Rain exchange lost $14.1M worth of crypto in a confirmed exploit 2 weeks ago

May 13, 202416:48 UTC

The Rain cryptocurrency exchange was “likely exploited” on April 29 when $14.1 million worth of Bitcoin BTCUSD, Ether ETHUSD, Solana SOLUSD, and XRPUSD was transferred to a new wallet under suspicious circumstances, according to a May 13 report from on-chain sleuth ZachXBT. The report comes two weeks after the reportedly suspicious transactions took place.

Rain co-founder AJ Nelson confirmed on X that the transfers were caused by an attacker. Nelson claimed that all assets have been replaced from the team's own funds that the exchange is running normally

Rain is a centralized crypto exchange headquartered in Bahrain. It specializes in serving customers from Southwest Asia and the Middle East. According to regional news site The National, Rain has recorded over $1 billion in trading volume since its inception.

ZachXBT’s official Telegram channel reported that the transferred funds “were quickly transferred to instant exchanges and swapped for BTC and ETH” before being deposited to two destination addresses on the Bitcoin and Ethereum networks. The Ethereum address, which ends in 6c28, is currently holding approximately 1,881 ETH, worth $5.5 million at the current price. The Bitcoin address, which ends in prp2, is holding ‎137.9 BTC, worth $8.6 million at the current price.

According to Arkham Intelligence data, the Ethereum destination address received its funds from an address ending in d609. The d609 address, in turn, received the funds from several Bitgo multisignature wallets. Arkham has not explicitly labeled these wallets as belonging to Rain.

On April 29, these Bitgo wallets posted 26 separate transactions, sending ETH and a variety of tokens to the address ending in d609. More than 590 ETH ($1.7 million at the current price) was sent, as well as approximately 20 billion Shiba Inu ($481,000),12,500 Chainlink ($169,000), $240,000 Tether USDTUSD, and $500,000 USD Coin USDCUSD.

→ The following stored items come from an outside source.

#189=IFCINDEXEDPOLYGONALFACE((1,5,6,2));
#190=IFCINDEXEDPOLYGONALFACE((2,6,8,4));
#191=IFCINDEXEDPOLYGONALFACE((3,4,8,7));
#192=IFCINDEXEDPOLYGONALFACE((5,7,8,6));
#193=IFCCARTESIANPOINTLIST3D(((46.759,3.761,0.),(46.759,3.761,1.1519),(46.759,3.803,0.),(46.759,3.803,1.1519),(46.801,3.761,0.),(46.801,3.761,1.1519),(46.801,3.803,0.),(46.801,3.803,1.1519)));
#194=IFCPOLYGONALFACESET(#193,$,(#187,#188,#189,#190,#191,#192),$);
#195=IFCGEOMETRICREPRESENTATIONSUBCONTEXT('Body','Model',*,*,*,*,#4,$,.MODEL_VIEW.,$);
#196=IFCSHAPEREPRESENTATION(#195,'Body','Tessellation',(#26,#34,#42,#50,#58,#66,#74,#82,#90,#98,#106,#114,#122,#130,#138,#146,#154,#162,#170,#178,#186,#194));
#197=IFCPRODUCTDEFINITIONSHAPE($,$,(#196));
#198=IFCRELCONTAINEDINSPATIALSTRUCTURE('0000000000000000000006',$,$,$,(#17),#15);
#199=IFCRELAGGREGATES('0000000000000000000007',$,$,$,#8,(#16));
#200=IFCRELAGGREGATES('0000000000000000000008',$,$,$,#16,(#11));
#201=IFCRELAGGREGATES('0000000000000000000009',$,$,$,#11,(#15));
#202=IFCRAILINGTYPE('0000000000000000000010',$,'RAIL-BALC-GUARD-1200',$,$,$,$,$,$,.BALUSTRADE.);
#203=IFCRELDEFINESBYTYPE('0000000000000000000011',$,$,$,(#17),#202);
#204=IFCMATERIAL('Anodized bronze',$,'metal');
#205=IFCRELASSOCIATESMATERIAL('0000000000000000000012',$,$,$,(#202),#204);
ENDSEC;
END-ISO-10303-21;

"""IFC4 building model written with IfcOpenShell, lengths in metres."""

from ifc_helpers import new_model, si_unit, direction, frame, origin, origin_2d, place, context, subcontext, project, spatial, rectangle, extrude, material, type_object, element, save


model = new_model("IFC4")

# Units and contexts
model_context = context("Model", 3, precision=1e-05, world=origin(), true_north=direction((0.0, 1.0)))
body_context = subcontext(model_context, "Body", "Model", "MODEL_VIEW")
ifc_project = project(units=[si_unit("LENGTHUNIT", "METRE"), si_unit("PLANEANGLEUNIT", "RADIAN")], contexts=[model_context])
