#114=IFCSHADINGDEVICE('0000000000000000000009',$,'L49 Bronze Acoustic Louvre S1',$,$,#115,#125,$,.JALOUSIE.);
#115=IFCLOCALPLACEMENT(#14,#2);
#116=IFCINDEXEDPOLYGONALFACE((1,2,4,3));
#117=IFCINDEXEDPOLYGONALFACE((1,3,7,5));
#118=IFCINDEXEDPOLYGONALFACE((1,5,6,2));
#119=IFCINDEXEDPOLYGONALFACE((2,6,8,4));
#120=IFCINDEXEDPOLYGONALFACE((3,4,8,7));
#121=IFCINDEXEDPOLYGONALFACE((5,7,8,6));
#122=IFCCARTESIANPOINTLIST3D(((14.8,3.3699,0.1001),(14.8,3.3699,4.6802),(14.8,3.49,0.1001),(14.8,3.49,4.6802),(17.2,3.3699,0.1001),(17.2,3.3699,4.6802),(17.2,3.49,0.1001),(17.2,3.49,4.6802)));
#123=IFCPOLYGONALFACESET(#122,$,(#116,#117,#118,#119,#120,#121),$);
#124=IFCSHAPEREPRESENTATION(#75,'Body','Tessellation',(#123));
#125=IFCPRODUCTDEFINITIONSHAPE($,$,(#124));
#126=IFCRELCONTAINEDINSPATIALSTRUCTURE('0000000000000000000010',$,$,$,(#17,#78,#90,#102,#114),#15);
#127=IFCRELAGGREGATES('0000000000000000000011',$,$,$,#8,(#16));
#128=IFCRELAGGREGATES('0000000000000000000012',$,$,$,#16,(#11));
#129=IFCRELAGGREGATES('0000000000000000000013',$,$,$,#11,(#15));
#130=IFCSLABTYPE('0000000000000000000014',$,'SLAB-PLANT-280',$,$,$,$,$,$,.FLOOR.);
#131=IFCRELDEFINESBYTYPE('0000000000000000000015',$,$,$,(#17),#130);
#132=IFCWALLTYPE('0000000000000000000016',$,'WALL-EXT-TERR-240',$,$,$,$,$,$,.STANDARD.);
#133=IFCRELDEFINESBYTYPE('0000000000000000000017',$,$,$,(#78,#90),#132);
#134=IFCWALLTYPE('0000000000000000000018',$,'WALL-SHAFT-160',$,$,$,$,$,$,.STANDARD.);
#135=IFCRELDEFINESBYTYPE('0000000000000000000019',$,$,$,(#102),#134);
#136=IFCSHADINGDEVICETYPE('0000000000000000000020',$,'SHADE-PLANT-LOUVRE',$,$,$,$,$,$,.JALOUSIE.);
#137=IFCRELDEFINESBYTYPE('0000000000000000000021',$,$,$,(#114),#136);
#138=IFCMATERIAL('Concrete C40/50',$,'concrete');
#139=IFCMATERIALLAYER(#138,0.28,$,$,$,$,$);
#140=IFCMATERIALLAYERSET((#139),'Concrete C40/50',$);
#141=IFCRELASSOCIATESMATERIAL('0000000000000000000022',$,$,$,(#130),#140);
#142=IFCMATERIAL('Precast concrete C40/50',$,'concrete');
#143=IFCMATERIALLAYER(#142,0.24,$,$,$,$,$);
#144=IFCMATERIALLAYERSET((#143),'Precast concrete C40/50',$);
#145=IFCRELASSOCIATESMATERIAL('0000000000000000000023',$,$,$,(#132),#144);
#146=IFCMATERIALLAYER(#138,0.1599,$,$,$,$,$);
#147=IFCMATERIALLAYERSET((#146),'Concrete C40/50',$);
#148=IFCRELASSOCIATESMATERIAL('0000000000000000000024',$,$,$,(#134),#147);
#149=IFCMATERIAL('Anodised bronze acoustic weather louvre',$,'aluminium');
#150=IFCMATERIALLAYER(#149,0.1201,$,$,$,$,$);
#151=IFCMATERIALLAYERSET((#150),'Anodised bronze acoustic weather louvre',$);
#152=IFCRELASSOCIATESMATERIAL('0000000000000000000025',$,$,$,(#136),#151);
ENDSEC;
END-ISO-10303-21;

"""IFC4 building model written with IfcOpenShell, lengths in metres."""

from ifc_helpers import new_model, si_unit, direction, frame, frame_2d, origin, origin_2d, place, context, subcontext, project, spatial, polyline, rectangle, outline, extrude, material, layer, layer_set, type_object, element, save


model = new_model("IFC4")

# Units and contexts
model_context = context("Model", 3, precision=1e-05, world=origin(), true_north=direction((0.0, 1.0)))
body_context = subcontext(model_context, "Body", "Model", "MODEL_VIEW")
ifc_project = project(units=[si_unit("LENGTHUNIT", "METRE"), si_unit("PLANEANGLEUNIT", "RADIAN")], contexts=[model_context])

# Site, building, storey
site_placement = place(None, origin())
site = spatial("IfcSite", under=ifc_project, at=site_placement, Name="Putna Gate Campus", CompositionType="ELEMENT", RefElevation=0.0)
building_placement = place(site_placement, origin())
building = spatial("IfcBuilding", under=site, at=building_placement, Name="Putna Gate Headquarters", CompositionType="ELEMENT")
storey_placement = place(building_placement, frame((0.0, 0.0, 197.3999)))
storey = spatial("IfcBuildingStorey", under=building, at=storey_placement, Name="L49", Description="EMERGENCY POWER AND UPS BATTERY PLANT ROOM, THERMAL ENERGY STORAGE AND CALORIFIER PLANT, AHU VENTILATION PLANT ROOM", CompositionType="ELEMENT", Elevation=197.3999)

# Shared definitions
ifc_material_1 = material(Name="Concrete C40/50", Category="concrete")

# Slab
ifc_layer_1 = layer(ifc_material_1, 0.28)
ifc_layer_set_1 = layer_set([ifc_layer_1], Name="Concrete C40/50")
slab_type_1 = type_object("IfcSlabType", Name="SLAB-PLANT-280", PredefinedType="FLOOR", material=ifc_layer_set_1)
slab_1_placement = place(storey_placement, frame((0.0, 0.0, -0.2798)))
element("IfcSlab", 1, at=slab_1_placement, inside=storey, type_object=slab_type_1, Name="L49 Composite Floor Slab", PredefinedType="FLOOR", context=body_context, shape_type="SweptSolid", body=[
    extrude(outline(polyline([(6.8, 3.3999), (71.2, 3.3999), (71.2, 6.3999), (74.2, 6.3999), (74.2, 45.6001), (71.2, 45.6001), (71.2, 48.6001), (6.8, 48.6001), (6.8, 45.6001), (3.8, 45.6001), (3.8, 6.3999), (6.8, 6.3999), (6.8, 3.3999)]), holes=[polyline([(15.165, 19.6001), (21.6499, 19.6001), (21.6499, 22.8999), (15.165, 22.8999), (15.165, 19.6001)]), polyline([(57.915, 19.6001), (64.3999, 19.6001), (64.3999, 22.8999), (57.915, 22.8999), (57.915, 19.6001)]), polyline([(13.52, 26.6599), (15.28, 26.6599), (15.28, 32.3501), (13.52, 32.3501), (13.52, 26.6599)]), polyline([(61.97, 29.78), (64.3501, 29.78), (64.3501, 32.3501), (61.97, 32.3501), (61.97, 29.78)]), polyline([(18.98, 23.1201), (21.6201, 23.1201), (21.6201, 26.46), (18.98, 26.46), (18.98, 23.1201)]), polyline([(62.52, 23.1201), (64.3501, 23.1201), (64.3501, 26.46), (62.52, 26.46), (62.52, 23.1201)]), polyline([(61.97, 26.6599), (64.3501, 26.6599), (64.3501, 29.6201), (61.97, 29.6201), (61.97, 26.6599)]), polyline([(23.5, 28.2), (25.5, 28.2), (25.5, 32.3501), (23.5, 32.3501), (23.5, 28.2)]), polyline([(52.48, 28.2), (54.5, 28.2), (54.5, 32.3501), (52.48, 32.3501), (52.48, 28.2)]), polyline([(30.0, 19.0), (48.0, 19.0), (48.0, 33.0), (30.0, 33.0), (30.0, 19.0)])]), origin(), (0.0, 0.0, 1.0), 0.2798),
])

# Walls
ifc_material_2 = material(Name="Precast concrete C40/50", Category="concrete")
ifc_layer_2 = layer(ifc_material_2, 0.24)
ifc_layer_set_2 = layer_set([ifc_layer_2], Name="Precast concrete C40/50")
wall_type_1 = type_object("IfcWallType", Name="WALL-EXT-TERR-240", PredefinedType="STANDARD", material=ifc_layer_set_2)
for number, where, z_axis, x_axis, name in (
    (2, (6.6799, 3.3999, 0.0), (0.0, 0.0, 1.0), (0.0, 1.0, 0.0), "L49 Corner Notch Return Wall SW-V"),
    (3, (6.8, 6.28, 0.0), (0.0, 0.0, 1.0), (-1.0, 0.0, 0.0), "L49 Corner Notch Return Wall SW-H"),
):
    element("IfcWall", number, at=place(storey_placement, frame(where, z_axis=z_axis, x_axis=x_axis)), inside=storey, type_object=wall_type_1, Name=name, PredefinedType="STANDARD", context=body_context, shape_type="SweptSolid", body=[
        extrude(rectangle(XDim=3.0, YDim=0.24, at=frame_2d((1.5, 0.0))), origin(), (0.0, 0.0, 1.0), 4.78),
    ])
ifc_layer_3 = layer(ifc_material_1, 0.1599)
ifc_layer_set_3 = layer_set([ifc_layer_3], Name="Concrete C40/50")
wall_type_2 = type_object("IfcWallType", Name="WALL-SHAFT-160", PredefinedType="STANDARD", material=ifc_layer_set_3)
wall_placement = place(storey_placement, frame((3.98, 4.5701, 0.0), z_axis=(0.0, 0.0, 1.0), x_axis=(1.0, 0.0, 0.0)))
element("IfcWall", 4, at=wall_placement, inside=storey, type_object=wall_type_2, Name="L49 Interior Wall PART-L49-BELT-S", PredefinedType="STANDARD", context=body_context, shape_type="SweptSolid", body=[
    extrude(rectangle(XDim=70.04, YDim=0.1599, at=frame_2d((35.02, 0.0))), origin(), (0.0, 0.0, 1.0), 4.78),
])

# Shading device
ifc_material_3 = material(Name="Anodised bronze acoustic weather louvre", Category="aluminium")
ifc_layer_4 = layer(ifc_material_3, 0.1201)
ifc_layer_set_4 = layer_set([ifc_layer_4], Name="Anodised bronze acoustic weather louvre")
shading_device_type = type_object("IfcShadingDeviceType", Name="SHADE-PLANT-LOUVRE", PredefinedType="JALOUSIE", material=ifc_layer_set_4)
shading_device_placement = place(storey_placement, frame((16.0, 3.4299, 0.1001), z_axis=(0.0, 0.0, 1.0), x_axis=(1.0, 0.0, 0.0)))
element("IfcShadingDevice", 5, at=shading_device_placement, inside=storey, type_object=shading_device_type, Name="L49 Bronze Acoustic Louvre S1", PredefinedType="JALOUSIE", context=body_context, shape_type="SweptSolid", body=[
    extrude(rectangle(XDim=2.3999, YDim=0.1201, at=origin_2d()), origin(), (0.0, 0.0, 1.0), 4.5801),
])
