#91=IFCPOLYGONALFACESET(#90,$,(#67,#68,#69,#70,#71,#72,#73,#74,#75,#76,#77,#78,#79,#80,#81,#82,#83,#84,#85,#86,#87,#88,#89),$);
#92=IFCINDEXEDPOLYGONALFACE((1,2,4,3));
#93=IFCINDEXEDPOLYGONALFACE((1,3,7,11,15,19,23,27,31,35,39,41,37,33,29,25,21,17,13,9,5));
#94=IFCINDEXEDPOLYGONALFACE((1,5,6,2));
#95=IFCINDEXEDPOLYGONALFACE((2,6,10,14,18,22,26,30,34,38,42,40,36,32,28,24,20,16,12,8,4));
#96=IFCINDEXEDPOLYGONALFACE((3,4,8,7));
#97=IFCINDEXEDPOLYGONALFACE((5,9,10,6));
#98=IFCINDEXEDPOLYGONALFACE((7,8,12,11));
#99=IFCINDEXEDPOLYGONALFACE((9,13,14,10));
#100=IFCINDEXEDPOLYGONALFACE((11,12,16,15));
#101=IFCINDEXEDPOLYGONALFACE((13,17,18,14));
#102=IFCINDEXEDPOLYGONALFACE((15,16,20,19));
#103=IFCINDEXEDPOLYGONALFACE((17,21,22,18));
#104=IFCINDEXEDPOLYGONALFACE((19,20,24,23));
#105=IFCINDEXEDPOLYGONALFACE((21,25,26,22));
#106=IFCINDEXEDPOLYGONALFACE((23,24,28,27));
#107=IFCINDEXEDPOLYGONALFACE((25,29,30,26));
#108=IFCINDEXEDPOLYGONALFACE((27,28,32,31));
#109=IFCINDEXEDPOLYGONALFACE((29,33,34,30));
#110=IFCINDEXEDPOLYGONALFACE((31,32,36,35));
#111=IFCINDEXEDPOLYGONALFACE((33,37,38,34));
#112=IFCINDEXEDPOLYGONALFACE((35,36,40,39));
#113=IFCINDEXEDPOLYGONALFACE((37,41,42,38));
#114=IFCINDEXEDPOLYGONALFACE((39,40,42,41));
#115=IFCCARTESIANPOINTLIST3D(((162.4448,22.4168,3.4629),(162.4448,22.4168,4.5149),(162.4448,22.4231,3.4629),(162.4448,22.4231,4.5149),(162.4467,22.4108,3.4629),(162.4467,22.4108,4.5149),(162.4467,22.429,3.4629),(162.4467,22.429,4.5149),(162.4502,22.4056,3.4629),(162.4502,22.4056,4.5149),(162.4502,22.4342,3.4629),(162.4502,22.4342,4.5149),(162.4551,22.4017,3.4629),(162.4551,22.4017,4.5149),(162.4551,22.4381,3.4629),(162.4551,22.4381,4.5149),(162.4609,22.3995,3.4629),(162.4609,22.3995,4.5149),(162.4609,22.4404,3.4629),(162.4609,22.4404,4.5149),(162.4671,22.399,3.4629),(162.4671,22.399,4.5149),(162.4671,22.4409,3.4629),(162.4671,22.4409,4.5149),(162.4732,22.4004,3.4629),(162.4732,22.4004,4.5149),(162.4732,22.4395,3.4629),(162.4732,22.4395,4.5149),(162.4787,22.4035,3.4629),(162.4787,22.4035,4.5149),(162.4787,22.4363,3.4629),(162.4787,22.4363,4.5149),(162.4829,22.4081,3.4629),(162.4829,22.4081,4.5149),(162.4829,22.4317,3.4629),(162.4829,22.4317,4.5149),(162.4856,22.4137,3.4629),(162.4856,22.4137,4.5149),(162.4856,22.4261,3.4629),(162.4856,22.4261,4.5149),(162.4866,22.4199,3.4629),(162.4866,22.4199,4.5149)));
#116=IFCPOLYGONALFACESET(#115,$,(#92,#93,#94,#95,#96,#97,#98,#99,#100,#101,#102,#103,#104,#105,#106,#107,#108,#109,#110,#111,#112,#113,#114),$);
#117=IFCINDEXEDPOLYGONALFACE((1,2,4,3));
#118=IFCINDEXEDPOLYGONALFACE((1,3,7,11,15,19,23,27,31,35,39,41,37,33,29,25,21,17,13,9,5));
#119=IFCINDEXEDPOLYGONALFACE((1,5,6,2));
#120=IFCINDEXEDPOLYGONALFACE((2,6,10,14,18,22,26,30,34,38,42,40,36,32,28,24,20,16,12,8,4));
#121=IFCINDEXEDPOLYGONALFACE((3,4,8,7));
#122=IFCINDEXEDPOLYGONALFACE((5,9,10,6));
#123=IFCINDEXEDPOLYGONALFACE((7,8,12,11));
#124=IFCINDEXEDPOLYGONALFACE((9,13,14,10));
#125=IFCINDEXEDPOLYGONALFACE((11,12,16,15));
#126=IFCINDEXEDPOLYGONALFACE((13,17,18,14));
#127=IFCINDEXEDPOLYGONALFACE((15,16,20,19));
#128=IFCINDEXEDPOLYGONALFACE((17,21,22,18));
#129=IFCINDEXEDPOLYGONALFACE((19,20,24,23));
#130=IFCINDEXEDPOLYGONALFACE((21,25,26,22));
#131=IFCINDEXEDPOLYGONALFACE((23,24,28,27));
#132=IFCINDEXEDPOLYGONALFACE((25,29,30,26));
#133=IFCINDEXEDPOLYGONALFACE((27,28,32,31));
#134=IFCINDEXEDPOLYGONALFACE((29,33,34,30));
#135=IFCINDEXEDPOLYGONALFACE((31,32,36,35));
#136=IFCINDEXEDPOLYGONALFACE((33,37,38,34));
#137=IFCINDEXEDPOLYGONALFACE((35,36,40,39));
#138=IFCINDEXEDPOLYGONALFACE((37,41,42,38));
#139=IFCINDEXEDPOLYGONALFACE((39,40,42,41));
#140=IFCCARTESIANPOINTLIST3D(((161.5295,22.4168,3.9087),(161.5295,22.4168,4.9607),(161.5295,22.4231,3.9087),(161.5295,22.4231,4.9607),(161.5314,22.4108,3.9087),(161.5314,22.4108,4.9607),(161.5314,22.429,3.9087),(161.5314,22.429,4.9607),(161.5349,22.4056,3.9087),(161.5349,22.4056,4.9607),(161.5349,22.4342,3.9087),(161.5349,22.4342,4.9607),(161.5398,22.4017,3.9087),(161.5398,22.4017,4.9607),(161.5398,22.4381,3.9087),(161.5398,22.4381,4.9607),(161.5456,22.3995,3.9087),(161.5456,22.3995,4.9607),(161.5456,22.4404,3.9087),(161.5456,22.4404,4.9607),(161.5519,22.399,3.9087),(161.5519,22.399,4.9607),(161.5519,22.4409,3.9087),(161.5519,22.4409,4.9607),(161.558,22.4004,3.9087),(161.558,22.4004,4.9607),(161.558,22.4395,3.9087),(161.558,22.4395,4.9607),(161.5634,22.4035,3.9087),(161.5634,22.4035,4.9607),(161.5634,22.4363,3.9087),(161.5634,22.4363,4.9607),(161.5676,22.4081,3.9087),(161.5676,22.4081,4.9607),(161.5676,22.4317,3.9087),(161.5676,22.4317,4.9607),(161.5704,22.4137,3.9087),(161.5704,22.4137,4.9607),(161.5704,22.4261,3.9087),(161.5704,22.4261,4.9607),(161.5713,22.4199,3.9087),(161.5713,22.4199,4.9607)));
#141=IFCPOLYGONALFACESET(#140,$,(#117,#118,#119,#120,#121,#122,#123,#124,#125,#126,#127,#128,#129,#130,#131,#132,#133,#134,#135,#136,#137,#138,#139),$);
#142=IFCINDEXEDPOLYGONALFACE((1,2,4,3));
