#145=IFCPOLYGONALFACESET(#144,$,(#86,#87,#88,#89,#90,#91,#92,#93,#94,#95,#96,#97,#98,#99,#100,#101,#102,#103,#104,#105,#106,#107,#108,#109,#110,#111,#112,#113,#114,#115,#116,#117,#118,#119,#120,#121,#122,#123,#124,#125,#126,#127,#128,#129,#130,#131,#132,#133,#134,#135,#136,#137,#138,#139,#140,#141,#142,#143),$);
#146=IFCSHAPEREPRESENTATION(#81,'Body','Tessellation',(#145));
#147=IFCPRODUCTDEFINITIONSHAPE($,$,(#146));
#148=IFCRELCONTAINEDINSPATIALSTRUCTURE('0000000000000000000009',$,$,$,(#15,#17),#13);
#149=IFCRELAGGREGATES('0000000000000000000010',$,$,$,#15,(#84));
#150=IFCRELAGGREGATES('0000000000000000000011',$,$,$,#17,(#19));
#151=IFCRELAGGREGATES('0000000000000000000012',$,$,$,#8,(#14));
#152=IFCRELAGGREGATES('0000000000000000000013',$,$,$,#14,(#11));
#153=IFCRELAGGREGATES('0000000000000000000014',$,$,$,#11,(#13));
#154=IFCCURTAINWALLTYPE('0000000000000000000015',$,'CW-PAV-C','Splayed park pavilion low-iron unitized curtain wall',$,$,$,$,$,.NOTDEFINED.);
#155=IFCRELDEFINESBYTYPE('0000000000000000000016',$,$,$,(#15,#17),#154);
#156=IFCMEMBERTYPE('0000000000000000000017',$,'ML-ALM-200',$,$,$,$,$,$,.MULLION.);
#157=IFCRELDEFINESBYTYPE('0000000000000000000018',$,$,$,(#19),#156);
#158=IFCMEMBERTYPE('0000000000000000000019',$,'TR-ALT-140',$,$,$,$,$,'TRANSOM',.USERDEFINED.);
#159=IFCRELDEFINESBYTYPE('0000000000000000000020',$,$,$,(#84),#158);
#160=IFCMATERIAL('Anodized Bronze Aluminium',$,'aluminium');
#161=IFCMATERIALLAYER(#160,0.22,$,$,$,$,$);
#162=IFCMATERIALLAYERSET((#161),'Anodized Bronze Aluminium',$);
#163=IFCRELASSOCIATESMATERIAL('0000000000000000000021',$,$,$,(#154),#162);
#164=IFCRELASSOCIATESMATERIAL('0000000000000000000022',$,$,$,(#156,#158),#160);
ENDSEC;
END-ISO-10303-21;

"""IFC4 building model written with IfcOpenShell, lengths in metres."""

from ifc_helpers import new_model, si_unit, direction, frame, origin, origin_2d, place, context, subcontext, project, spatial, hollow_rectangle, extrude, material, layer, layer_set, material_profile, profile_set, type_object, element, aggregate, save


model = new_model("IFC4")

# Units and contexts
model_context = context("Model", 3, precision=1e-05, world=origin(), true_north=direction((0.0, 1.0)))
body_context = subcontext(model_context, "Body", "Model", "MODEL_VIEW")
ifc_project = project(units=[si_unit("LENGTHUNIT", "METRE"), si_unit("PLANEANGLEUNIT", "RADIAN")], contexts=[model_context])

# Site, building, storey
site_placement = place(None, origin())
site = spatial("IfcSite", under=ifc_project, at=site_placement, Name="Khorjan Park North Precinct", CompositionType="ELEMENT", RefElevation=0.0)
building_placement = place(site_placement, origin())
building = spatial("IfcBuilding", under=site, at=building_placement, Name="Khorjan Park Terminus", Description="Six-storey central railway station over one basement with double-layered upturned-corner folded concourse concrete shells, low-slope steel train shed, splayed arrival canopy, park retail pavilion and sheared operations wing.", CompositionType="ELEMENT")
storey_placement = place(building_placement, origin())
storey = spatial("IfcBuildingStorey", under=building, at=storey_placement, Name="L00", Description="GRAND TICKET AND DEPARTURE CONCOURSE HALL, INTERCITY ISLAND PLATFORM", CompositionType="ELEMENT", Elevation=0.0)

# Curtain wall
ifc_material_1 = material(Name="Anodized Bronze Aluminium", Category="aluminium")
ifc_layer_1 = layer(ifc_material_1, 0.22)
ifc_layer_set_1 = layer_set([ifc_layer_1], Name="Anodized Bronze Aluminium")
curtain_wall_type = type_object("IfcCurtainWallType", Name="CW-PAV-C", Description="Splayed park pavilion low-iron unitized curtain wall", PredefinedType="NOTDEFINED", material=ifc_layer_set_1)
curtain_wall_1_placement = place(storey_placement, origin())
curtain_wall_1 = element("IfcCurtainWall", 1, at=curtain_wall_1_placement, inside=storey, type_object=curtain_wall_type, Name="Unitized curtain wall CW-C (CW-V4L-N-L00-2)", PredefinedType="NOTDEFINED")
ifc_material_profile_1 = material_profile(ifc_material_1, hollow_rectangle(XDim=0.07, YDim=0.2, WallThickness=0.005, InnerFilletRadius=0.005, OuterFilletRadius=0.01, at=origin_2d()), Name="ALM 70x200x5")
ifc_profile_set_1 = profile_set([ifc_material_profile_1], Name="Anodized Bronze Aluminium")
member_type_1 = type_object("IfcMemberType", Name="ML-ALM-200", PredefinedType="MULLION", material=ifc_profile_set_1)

These tokens were immediately swapped for ETH on Uniswap. As these swaps were being carried out, the account continued to receive more tokens from the Bitgo wallets, including Aave (AAVE), Yearn Finance (YFI), MakerDAO (MKR), and other tokens.

The account also received funds from a Binance hot wallet.

Cointelegraph contacted Rain for comment but did not receive a response by the time of publication.

After publication, Nelson confirmed on X that the transfers were caused by a “security incident.” Nelson emphasized that Rain is regulated by the Central Bank of Bahrain and the Abu Dhabi Global Market, which requires it to always hold reserves in a 1:1 ratio to customer deposits. The team “plugged the hole immediately from its own reserves,” and the exchange is “running as normal [...] throughout the time of the event.” The exchange is currently working with law enforcement to recover the funds, he stated.

Hacks and exploits continue to pose a risk for crypto users. On May 6, Gnus.AI lost more than $1.27 million when its Discord server became compromised and a private key was leaked. On May 13, cybersecurity firm Kaspersky reported that the North Korean hacker organization Kimsuky has launched a new “Durian” malware that specifically targets crypto firms.

Related: Kronos Research hacker shifts funds to Tornado Cash

Update 2:34 pm UTC on May 14: This article has been updated to include a public comment from Rain co-founder AJ Nelson.